PROPER/NECESSARY PARTY – DEFINITION OF A PROPER/NECESSARY PARTY TO A SUIT
“The case of Global West Vessel Specialist (Nig) Ltd vs. Nigeria NLG Ltd & Anor (2017) LPELR-41987 (SC) also presents another view of who is a proper/necessary party to a suit. Who is a proper/necessary party to a suit, was thus defined in that case: “It has long been held that proper parties are those who though not interested in the plaintiff’s claim, are made parties for some good reasons, for example, in an action instituted to rescind a contract, any person who was active or concurring in the matters which gave the plaintiff the right to rescind, is a proper party to the action. Necessary parties are those who are not only interested in the subject matter of the proceedings but also who in their absence, the proceeding could not be fairly dealt with. In other words, the question to be settled in the action between the existing parties must be a question which cannot be properly settled unless they are parties to the action instituted by the plaintiff. See Chief Abusi David Green v. Chief (DR) E. T. Dublin Green (1987) NWLR (pt. 61) 481 (1987) LPELR SC206/1986; Amon v. Raphael Tuck & Cons (1956) 1 WB 357; Re Vandervills Trust (1971) A.C. 812; Re Vandervelle (1969) 3 All ER 497.” Per ARIWOOLA ,J.S.C ( Pp. 31-32, paras. D-B ). See also T. Delak Distribution Service Ltd & Anor vs. Ugbowanko (2018) LPELR-46480 (CA), per Garba, JCA (Pp. 28 – 29, paras F – C)”.

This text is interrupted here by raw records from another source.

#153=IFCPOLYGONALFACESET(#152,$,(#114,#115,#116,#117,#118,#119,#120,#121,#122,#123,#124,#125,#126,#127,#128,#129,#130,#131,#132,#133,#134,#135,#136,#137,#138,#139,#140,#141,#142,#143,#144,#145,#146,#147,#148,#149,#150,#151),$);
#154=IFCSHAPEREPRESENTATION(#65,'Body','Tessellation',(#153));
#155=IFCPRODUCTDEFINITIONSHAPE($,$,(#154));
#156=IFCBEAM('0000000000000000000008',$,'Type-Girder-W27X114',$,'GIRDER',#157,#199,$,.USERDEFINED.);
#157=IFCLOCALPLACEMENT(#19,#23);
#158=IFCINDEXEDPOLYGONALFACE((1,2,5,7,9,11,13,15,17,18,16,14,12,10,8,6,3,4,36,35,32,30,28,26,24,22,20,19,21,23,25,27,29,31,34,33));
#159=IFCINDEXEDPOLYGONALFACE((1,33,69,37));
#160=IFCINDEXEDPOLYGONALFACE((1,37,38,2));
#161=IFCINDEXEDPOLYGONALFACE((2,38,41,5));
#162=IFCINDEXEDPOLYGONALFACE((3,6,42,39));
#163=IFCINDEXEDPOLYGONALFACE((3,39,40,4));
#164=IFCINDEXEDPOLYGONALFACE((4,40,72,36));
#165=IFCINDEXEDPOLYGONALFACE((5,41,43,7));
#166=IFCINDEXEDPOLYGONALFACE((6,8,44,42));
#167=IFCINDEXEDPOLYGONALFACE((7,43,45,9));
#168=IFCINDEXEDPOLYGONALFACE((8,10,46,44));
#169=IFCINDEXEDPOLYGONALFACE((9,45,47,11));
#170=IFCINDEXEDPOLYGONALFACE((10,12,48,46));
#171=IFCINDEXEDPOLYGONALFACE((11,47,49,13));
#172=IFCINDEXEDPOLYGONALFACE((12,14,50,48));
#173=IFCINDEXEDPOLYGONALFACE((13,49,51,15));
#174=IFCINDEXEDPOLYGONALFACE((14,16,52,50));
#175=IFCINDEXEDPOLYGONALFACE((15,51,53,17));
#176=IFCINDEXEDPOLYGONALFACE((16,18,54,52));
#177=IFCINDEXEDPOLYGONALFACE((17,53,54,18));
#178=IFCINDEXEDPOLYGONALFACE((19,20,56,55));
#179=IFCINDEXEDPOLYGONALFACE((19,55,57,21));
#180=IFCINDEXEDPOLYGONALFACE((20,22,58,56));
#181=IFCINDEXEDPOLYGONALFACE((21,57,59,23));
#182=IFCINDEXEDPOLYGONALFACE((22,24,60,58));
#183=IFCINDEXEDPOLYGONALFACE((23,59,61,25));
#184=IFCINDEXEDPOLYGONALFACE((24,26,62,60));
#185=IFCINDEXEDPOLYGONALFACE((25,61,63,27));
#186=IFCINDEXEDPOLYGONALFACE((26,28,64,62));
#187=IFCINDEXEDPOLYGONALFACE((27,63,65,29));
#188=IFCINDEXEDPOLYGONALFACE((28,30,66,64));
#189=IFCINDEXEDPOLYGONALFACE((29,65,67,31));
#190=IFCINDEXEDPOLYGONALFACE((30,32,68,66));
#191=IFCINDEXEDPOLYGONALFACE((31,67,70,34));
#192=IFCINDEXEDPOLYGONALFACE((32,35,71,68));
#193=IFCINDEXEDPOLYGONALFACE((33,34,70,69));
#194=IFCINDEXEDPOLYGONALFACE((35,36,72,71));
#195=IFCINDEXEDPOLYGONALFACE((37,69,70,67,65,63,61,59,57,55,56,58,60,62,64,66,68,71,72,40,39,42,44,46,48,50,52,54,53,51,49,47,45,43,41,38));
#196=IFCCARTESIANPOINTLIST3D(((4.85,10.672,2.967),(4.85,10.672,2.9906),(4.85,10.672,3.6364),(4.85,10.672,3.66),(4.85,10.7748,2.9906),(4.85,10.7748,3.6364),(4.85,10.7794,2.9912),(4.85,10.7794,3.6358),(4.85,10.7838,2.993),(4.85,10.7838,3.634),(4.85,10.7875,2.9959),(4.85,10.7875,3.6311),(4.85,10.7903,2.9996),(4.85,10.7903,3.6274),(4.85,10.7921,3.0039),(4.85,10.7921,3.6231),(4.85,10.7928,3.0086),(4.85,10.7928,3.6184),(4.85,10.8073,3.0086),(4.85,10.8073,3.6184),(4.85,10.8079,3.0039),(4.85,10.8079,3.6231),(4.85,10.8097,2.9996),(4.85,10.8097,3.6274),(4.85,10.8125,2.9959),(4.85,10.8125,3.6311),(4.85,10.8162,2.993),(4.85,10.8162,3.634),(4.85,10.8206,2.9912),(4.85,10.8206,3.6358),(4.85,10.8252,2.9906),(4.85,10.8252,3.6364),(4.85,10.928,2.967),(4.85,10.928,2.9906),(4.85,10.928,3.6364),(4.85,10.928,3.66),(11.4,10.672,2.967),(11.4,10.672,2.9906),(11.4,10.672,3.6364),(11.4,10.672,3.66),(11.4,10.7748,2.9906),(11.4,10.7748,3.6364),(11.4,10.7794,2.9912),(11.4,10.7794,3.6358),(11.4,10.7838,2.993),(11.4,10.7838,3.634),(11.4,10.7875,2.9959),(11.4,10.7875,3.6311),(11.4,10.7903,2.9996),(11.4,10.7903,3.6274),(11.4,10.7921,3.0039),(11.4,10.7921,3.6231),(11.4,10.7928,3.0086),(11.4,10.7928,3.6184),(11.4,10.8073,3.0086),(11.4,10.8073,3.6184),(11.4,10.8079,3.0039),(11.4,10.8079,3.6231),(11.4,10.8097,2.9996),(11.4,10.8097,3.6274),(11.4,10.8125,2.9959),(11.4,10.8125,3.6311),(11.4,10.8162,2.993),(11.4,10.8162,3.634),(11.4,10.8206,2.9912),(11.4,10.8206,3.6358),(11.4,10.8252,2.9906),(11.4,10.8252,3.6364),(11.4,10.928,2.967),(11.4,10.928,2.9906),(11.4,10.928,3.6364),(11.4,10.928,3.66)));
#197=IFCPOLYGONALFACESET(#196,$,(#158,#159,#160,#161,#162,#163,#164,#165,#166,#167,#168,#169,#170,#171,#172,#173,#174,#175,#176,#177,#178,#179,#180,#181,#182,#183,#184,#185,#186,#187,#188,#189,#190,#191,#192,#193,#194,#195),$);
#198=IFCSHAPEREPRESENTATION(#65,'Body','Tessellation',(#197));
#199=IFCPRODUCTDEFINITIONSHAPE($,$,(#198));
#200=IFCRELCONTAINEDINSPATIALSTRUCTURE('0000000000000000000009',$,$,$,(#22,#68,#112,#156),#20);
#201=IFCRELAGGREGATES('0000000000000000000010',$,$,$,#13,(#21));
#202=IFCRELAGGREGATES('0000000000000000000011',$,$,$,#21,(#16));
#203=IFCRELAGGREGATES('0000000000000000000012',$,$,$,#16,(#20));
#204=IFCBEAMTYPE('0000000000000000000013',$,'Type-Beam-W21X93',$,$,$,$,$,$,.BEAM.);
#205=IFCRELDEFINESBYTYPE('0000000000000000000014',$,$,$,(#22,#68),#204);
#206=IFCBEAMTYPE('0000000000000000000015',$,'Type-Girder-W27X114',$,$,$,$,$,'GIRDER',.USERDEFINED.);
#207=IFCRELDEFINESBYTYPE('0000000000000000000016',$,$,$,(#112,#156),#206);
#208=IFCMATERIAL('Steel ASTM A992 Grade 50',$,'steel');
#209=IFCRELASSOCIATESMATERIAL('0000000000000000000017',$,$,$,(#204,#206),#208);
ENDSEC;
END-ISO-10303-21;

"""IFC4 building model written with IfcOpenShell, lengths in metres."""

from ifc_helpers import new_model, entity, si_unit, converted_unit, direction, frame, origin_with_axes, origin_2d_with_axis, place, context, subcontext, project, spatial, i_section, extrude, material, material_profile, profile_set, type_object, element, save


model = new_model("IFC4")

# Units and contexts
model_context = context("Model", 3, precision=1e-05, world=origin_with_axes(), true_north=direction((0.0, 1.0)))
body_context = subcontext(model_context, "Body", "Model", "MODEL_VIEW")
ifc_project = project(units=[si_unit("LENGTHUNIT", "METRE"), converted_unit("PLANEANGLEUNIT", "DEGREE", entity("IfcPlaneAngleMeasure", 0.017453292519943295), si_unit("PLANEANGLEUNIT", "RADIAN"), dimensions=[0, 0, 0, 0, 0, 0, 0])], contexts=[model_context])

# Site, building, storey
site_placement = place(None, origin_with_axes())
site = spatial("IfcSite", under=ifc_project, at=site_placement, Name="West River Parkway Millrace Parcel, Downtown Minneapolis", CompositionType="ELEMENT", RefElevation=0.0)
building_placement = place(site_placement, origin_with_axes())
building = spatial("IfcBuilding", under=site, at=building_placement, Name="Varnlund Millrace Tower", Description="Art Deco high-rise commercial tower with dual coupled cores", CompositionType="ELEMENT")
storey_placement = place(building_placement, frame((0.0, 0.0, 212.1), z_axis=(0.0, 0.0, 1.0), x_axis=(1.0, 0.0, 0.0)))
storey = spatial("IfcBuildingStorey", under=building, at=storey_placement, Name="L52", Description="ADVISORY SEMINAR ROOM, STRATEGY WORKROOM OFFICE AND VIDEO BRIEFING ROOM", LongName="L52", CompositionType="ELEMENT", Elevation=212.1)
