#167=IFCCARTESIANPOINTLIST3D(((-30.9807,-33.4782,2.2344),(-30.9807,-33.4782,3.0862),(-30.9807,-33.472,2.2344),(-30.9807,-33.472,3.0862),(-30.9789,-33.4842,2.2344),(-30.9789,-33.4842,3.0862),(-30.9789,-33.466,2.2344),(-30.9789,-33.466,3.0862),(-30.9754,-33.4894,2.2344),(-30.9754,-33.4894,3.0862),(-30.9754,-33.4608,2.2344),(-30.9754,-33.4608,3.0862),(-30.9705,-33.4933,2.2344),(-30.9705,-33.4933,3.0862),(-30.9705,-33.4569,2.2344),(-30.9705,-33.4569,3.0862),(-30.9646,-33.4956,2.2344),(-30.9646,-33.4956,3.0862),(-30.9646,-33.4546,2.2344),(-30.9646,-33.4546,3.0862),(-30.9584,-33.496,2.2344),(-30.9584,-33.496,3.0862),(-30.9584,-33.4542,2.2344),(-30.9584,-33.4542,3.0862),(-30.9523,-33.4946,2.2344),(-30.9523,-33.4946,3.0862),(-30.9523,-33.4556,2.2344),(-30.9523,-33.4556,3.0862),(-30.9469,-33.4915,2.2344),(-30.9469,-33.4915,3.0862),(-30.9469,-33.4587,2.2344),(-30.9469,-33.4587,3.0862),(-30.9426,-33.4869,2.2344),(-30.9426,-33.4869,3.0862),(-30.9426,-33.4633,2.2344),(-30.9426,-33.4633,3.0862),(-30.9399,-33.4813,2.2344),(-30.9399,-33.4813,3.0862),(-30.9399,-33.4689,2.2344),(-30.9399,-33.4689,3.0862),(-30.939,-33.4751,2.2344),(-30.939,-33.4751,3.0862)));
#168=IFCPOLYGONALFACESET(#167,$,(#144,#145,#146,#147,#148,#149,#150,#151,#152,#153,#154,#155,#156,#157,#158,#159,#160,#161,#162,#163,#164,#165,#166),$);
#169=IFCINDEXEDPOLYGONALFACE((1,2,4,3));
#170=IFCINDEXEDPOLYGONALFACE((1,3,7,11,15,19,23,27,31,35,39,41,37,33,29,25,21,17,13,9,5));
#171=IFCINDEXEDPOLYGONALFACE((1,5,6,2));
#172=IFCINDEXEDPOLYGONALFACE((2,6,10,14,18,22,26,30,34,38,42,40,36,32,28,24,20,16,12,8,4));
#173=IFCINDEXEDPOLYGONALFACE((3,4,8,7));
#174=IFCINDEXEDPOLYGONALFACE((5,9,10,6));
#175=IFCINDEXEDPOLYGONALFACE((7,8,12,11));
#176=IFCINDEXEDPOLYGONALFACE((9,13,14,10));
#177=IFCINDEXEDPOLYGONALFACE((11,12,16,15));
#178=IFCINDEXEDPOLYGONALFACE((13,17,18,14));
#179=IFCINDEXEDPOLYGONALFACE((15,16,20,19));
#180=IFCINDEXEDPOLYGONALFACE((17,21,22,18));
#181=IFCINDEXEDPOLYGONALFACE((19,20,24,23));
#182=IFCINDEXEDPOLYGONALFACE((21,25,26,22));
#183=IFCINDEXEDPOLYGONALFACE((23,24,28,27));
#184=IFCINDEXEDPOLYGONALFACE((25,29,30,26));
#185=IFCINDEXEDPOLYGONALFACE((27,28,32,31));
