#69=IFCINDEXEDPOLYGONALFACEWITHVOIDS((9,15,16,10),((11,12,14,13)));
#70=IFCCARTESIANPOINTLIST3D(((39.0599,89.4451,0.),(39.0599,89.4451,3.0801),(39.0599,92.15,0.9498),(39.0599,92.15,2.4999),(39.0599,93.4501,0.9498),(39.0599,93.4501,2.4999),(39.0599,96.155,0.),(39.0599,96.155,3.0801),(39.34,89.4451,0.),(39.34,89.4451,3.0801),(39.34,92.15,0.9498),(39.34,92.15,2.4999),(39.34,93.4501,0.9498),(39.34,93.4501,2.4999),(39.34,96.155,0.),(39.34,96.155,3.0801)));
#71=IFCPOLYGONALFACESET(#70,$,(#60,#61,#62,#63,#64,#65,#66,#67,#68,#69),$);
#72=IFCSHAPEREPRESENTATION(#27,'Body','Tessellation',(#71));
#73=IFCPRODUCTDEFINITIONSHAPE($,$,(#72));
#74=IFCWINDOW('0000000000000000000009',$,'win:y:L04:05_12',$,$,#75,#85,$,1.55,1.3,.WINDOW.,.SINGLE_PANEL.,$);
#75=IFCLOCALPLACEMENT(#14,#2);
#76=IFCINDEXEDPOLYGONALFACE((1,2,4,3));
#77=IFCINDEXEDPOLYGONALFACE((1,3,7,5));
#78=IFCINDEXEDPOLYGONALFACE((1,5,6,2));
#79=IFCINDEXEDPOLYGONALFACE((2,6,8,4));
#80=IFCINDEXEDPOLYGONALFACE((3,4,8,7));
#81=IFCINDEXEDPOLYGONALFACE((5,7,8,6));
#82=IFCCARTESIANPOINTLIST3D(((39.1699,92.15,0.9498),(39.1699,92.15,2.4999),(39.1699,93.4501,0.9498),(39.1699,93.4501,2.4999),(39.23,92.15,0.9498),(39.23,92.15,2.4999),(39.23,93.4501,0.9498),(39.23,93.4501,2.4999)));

The definition of who is a privy in the case of Agbogunleri vs. DEPO & Ors (2008) LPELR-243 (SC) is apt. In the said case, the Supreme Court defined privy thus: “But, who is a privy. In Arabio v. Kanga (1932) 1 WACA 253 at p. 254, a privy was defined as that person whose title is derived from and who claims through a party. It may also imply identity of successive interest or persons having interest in property.” Per MUHAMMAD ,J.S.C (P. 23, paras. C-D). See also the case of Makami vs. Umaru (2013) LPELR-20799 (CA), Pp. 12 – 13, paras G – B.
PLEA OF ESTOPPEL – CONDITION PRECEDENT FOR A PLEA OF ESTOPPEL TO AVAIL A PARTY
“In the case of Dorsu & Ors vs. Eyegbangharen & Ors (2019) LPELR-48300 (CA), the Court held: “it is settled law that estoppel per rem judicatem is usually pleaded as a defence. And where a plaintiff fails to file a reply in respect of a plea of estoppel per rem judicata, the failure is treated as a denial of the previous suit or suits pleaded. See Potter v. Haruna Bako Kolo (1993) 9 NWLR (Pt. 317) 254 and Alhaji Madi Mohammed Abubakar v. Bebeji Oil and Allied Products Ltd (supra). In the case of Clay Industries (Nig.) Ltd. V. Adeleye Aina & Ors. (1997) 7 SCNJ491 at 509, Per Iguh, JSC, the Supreme Court stated the law in respect of estoppel succinctly as follows:- “It is a general principle of law that estoppel must be pleaded before the trial Court .” See also the cases of Obanye v. Okwunwa (1930) 10 NLR 8; Sowa v. Amachree (1944) 10 WACA 164.” Per ADUMEIN, JCA (Pp. 17 – 18, paras. F –D ). Having not pleaded estoppel, same cannot avail the Appellant.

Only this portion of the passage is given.